In mussels fed with 75Se-microalgae, the intracellular Se distribution in both hepatopancreas and mantle was very similar to the concentration in liver and kidney of rats fed with the same mussels. It could be supposed that rats were able to dissociate larger 75Se-containing molecules at the stomach pH, so that after intestinal absorption these compounds would have similar metabolic pathways in the body. In this case, its amount was lower than in the case of exposure to by 75Se-spiked water, indicating that 75Se incorporated into mussels was not readily available to rats. This could also be appraised by its intracellular distribution in both liver and kidney, showing a different pattern mainly in the nuclear and cytosolic fractions of the liver, where the 75Se amount was lower than before. Interestingly, the relative distribution of 75Se between RBC and plasma was different in the case of exposure of rats directly to inorganic selenite compared to those of animals fed with metabolized 75Se (Table 1). A significantly higher amount of Se within 10–18 % was recovered in RBC of rats treated with the inorganic form (more than 35 % of Se in whole blood), compared to that of animals treated with metabolized 75Se. This suggested that the dissociation in the stomach of the 75Se in its metabolized form(s) might lead to bioavailable Se species, which would interact with blood components in a different way from the Se absorbed after exposure of rats to the simple inorganic selenite form.
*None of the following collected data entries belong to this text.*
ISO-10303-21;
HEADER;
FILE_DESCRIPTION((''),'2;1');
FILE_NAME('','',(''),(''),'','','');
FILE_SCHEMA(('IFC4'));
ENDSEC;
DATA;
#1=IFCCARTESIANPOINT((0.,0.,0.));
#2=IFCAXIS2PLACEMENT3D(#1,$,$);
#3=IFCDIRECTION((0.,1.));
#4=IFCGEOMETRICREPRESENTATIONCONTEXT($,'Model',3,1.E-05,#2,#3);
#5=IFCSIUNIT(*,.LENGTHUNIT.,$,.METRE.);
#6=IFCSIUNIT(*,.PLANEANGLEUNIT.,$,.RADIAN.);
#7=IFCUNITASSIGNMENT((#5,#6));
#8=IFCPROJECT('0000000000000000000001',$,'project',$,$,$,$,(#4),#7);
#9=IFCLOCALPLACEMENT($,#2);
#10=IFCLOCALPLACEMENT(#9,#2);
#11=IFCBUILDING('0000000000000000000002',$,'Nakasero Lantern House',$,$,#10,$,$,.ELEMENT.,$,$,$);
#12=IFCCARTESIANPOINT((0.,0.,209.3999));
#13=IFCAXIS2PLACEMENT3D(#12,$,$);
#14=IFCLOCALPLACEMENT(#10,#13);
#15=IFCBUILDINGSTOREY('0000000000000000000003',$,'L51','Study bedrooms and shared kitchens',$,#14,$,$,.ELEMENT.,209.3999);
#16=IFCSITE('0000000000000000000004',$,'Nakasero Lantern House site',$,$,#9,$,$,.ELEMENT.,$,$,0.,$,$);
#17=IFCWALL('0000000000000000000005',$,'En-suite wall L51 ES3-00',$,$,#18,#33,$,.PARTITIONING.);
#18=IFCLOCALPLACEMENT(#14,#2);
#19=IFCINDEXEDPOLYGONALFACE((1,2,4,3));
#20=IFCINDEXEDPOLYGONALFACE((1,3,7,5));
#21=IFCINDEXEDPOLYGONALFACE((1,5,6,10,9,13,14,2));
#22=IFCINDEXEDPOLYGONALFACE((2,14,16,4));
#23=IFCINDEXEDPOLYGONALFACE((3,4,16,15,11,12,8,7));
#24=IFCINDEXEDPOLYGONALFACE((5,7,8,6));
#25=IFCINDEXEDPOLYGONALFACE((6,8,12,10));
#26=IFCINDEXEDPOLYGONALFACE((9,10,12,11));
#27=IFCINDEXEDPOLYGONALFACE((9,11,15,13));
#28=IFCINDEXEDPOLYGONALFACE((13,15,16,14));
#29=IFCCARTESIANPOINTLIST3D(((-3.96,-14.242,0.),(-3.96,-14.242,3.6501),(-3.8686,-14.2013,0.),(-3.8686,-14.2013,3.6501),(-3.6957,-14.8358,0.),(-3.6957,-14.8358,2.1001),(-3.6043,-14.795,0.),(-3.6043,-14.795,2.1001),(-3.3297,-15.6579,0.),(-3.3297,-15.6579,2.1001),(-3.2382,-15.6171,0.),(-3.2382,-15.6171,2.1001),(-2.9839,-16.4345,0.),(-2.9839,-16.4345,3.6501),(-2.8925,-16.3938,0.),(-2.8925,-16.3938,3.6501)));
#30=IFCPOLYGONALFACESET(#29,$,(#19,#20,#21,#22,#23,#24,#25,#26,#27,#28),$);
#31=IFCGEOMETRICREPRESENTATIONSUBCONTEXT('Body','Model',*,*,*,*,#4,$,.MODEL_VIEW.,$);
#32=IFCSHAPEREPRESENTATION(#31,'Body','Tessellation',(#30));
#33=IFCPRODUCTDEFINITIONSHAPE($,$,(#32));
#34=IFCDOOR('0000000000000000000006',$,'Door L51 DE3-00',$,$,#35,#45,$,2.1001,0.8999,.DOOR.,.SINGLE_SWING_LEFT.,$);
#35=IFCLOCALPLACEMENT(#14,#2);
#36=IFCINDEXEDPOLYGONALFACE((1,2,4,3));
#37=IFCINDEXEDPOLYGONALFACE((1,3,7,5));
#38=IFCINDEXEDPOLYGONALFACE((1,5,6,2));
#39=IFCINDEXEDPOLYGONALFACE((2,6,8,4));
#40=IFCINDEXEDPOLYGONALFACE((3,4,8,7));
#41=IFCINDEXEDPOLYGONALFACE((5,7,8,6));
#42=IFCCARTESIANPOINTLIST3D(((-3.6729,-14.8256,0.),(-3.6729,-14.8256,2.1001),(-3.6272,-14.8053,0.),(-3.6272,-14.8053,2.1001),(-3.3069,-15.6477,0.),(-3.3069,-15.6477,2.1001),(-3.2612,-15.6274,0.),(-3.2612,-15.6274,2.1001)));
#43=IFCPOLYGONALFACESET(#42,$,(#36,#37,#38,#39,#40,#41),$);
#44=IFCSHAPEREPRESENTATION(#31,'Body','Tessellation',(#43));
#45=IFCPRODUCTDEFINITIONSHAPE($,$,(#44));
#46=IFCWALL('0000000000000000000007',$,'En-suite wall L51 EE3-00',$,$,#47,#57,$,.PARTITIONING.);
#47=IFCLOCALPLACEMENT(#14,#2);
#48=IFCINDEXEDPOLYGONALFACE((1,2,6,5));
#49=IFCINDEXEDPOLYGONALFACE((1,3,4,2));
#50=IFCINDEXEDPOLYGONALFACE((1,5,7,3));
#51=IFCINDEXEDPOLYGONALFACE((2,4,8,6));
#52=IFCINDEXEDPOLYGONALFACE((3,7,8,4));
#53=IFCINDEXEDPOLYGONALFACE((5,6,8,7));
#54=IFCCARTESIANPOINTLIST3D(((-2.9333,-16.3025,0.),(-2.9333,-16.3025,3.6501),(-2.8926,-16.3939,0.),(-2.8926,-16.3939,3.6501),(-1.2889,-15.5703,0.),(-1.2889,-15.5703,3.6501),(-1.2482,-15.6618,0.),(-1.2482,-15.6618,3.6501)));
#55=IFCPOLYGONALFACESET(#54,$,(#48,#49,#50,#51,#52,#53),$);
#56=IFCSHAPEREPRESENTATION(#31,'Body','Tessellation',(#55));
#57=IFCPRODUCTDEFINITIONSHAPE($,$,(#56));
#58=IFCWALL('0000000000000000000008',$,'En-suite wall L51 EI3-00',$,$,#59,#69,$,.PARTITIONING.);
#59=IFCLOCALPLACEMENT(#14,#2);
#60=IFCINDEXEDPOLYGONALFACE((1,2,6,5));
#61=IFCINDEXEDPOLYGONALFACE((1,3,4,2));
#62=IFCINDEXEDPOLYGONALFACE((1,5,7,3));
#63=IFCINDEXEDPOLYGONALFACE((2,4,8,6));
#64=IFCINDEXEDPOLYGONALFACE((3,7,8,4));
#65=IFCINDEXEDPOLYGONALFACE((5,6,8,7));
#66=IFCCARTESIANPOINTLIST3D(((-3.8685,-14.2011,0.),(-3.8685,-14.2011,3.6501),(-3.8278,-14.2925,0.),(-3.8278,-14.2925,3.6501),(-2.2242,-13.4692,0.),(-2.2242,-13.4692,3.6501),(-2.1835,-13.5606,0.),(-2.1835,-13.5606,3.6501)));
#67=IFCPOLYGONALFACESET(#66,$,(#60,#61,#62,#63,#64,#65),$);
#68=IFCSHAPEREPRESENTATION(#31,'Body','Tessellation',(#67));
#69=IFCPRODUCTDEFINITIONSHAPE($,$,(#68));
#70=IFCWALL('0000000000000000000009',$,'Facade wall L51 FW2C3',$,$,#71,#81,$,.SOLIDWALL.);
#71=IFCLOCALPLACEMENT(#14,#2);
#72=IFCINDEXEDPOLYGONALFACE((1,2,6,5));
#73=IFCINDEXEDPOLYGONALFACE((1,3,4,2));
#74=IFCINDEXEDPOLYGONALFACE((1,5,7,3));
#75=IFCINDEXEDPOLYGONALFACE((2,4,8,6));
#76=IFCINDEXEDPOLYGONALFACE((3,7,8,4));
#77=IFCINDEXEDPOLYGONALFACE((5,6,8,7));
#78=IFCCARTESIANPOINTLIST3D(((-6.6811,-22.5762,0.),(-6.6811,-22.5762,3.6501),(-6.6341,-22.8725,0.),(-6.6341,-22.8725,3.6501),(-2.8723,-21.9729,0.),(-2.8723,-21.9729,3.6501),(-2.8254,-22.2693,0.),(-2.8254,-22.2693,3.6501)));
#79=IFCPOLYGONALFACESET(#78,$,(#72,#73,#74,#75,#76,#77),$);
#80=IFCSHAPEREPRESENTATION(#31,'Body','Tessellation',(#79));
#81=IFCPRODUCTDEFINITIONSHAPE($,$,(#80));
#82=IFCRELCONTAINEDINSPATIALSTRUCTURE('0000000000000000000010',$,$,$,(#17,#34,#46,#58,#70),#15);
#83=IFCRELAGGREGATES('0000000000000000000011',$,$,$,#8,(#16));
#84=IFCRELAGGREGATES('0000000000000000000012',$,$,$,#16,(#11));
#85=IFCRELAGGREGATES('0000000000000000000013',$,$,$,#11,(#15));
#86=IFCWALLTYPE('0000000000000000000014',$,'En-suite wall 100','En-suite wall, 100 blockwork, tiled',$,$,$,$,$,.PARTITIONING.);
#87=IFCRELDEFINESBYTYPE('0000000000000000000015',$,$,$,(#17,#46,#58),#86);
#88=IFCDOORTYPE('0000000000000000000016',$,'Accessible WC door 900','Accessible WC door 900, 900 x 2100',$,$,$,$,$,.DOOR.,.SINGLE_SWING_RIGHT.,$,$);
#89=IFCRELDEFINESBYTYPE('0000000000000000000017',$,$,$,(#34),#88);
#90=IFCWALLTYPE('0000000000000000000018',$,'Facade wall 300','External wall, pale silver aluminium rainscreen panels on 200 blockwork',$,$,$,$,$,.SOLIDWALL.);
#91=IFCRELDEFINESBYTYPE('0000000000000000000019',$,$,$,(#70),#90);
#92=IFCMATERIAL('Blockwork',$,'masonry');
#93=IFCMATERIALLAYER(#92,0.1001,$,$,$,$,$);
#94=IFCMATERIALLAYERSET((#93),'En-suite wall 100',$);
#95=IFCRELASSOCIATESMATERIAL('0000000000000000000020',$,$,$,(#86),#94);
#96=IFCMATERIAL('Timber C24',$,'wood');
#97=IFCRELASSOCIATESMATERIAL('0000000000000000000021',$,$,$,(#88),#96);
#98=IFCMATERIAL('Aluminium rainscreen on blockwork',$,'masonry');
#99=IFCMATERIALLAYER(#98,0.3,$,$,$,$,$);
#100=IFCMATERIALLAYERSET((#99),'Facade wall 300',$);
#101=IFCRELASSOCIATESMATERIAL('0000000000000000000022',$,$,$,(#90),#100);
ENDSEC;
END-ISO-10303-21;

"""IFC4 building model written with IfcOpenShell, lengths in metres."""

from ifc_helpers import new_model, si_unit, direction, frame, frame_2d, origin, place, context, subcontext, project, spatial, rectangle, extrude, material, layer, layer_set, type_object, element, fill, save


model = new_model("IFC4")

# Units and contexts
model_context = context("Model", 3, precision=1e-05, world=origin(), true_north=direction((0.0, 1.0)))
body_context = subcontext(model_context, "Body", "Model", "MODEL_VIEW")
ifc_project = project(units=[si_unit("LENGTHUNIT", "METRE"), si_unit("PLANEANGLEUNIT", "RADIAN")], contexts=[model_context])

# Site, building, storey
site_placement = place(None, origin())
site = spatial("IfcSite", under=ifc_project, at=site_placement, Name="Nakasero Lantern House site", CompositionType="ELEMENT", RefElevation=0.0)
building_placement = place(site_placement, origin())
building = spatial("IfcBuilding", under=site, at=building_placement, Name="Nakasero Lantern House", CompositionType="ELEMENT")
storey_placement = place(building_placement, frame((0.0, 0.0, 209.3999)))
storey = spatial("IfcBuildingStorey", under=building, at=storey_placement, Name="L51", Description="Study bedrooms and shared kitchens", CompositionType="ELEMENT", Elevation=209.3999)

# Wall, opening, door
ifc_material_1 = material(Name="Blockwork", Category="masonry")
ifc_layer_1 = layer(ifc_material_1, 0.1001)
ifc_layer_set_1 = layer_set([ifc_layer_1], Name="En-suite wall 100")
wall_type_1 = type_object("IfcWallType", Name="En-suite wall 100", Description="En-suite wall, 100 blockwork, tiled", PredefinedType="PARTITIONING", material=ifc_layer_set_1)
wall_1_placement = place(storey_placement, frame((-3.9143, -14.2217, 0.0), z_axis=(0.0, 0.0, 1.0), x_axis=(0.406724, -0.913551, 0.0)))
wall_1 = element("IfcWall", 1, at=wall_1_placement, inside=storey, type_object=wall_type_1, Name="En-suite wall L51 ES3-00", PredefinedType="PARTITIONING", context=body_context, shape_type="SweptSolid", body=[
    extrude(rectangle(XDim=2.3999, YDim=0.1001, at=frame_2d((1.2, 0.0))), origin(), (0.0, 0.0, 1.0), 3.6501),
])
opening_1_placement = place(wall_1_placement, frame((0.6499, 0.0, 0.0)))
opening_1 = element("IfcOpeningElement", 2, at=opening_1_placement, cuts=wall_1, PredefinedType="OPENING", context=body_context, shape_type="SweptSolid", body=[
    extrude(rectangle(XDim=0.8999, YDim=2.1001, at=frame_2d((0.45, 1.05))), frame((0.0, 0.0701, 0.0), z_axis=(0.0, -1.0, 0.0), x_axis=(1.0, 0.0, 0.0)), (0.0, 0.0, 1.0), 0.1401),
])
ifc_material_2 = material(Name="Timber C24", Category="wood")
door_type_1 = type_object("IfcDoorType", Name="Accessible WC door 900", Description="Accessible WC door 900, 900 x 2100", OperationType="SINGLE_SWING_RIGHT", PredefinedType="DOOR", material=ifc_material_2)
door_1_placement = place(opening_1_placement, origin())
door_1 = element("IfcDoor", 3, at=door_1_placement, inside=storey, type_object=door_type_1, Name="Door L51 DE3-00", OperationType="SINGLE_SWING_LEFT", OverallHeight=2.1001, OverallWidth=0.8999, PredefinedType="DOOR", context=body_context, shape_type="SweptSolid", body=[
    extrude(rectangle(XDim=0.8999, YDim=2.1001, at=frame_2d((0.45, 1.05))), frame((0.0, 0.0249, 0.0), z_axis=(0.0, -1.0, 0.0), x_axis=(1.0, 0.0, 0.0)), (0.0, 0.0, 1.0), 0.05),
])
fill(opening_1, door_1)

# Walls
wall_2_placement = place(storey_placement, frame((-2.9128, -16.3481, 0.0), z_axis=(0.0, 0.0, 1.0), x_axis=(0.913549, 0.40673, 0.0)))
element("IfcWall", 4, at=wall_2_placement, inside=storey, type_object=wall_type_1, Name="En-suite wall L51 EE3-00", PredefinedType="PARTITIONING", context=body_context, shape_type="SweptSolid", body=[
    extrude(rectangle(XDim=1.8, YDim=0.1001, at=frame_2d((0.8999, 0.0))), origin(), (0.0, 0.0, 1.0), 3.6501),
])
wall_3_placement = place(storey_placement, frame((-3.8481, -14.2468, 0.0), z_axis=(0.0, 0.0, 1.0), x_axis=(0.913576, 0.406667, 0.0)))
element("IfcWall", 5, at=wall_3_placement, inside=storey, type_object=wall_type_1, Name="En-suite wall L51 EI3-00", PredefinedType="PARTITIONING", context=body_context, shape_type="SweptSolid", body=[
    extrude(rectangle(XDim=1.7998, YDim=0.1001, at=frame_2d((0.8999, 0.0))), origin(), (0.0, 0.0, 1.0), 3.6501),
])
ifc_material_3 = material(Name="Aluminium rainscreen on blockwork", Category="masonry")
ifc_layer_2 = layer(ifc_material_3, 0.3)
ifc_layer_set_2 = layer_set([ifc_layer_2], Name="Facade wall 300")
wall_type_2 = type_object("IfcWallType", Name="Facade wall 300", Description="External wall, pale silver aluminium rainscreen panels on 200 blockwork", PredefinedType="SOLIDWALL", material=ifc_layer_set_2)
wall_4_placement = place(storey_placement, frame((-6.6577, -22.7244, 0.0), z_axis=(0.0, 0.0, 1.0), x_axis=(0.987688, 0.156437, 0.0)))
element("IfcWall", 6, at=wall_4_placement, inside=storey, type_object=wall_type_2, Name="Facade wall L51 FW2C3", PredefinedType="SOLIDWALL", context=body_context, shape_type="SweptSolid", body=[
    extrude(rectangle(XDim=3.8562, YDim=0.3, at=frame_2d((1.9282, 0.0))), origin(), (0.0, 0.0, 1.0), 3.6501),
])

save(model, "model.ifc")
From a quantitative point of view, the 75Se transfer up the model food chain was summarized in Fig. 5 considering the average whole content in water per unit volume and the following average uptake per unit mass (wet wt) in S. obliquus, U. mancus and R. norvegicus including all tested scenarios. The trophic transfer of Se presented its main critical step between S. obliquus–U. mancus. The 75Se partitioned from water (culture medium) to microalgae showing a bioconcentration factor of 435. Conversely, from microalgae to mussels and subsequently to rats no bioaccumulation was verified. Rats fed with mussels exposed to 75Se-spiked water presented a higher rate of 75Se accumulation compared to its uptake through the whole food chain (microalgae-mussel-rat). This study evidenced the existence of some preferential target organs in rats for Se bioaccumulation such as liver, kidney, intestine, lung and spleen (Table 1). Selenite gastro-intestinal absorption in rats has been shown to be up to 92 % (WHO 1987). Thus, when it is taken up through the diet, Se is readily bioavailable and can partition into specific target organs. However, 75Se was not subjected to bioaccumulation/biomagnification in the modelled food chain system.

Fig. 5
figure 5

Uptake of 75Se-selenite in the selected phytoplankton-mussel-rat food chain model; numbers represent the average whole amount of 75Se present in water per unit volume or uptaken by the target biological model per unit mass (wet wt)

Full size image

According to Fig. 5, it was evidenced that the bioconcentration of Se is more likely to occur than bioaccumulation. As reported by Luoma and Presser (2009), trophic transfer factors can be more variable among invertebrate species than among fishes mainly due to physiological distinctions in assimilation efficiency and variable elimination rate constants for Se. Thus, this makes the ecological risk characterization of Se in aquatic environments difficult, as may be seen in the regulatory requirements for water quality of various countries worldwide (Luoma and Presser 2009). This study has confirmed observations from previous studies (e.g., Lemly 1985; Luoma et al. 1992; Wang et al. 1996) that Se uptake in animals through bioaccumulation is slow, but faster with aquatic microalgae due to Se bioconcentration from water (Polettini et al. 2014). As suggested by Luoma and Presser (2009), the environmental impact of Se is really species-specific. High exposures of organisms in the environment are determined more by their feeding habits and the ability of potential aquatic or terrestrial species that serve as food to bioconcentrate Se, rather than bioaccumulation of the element through the food chain.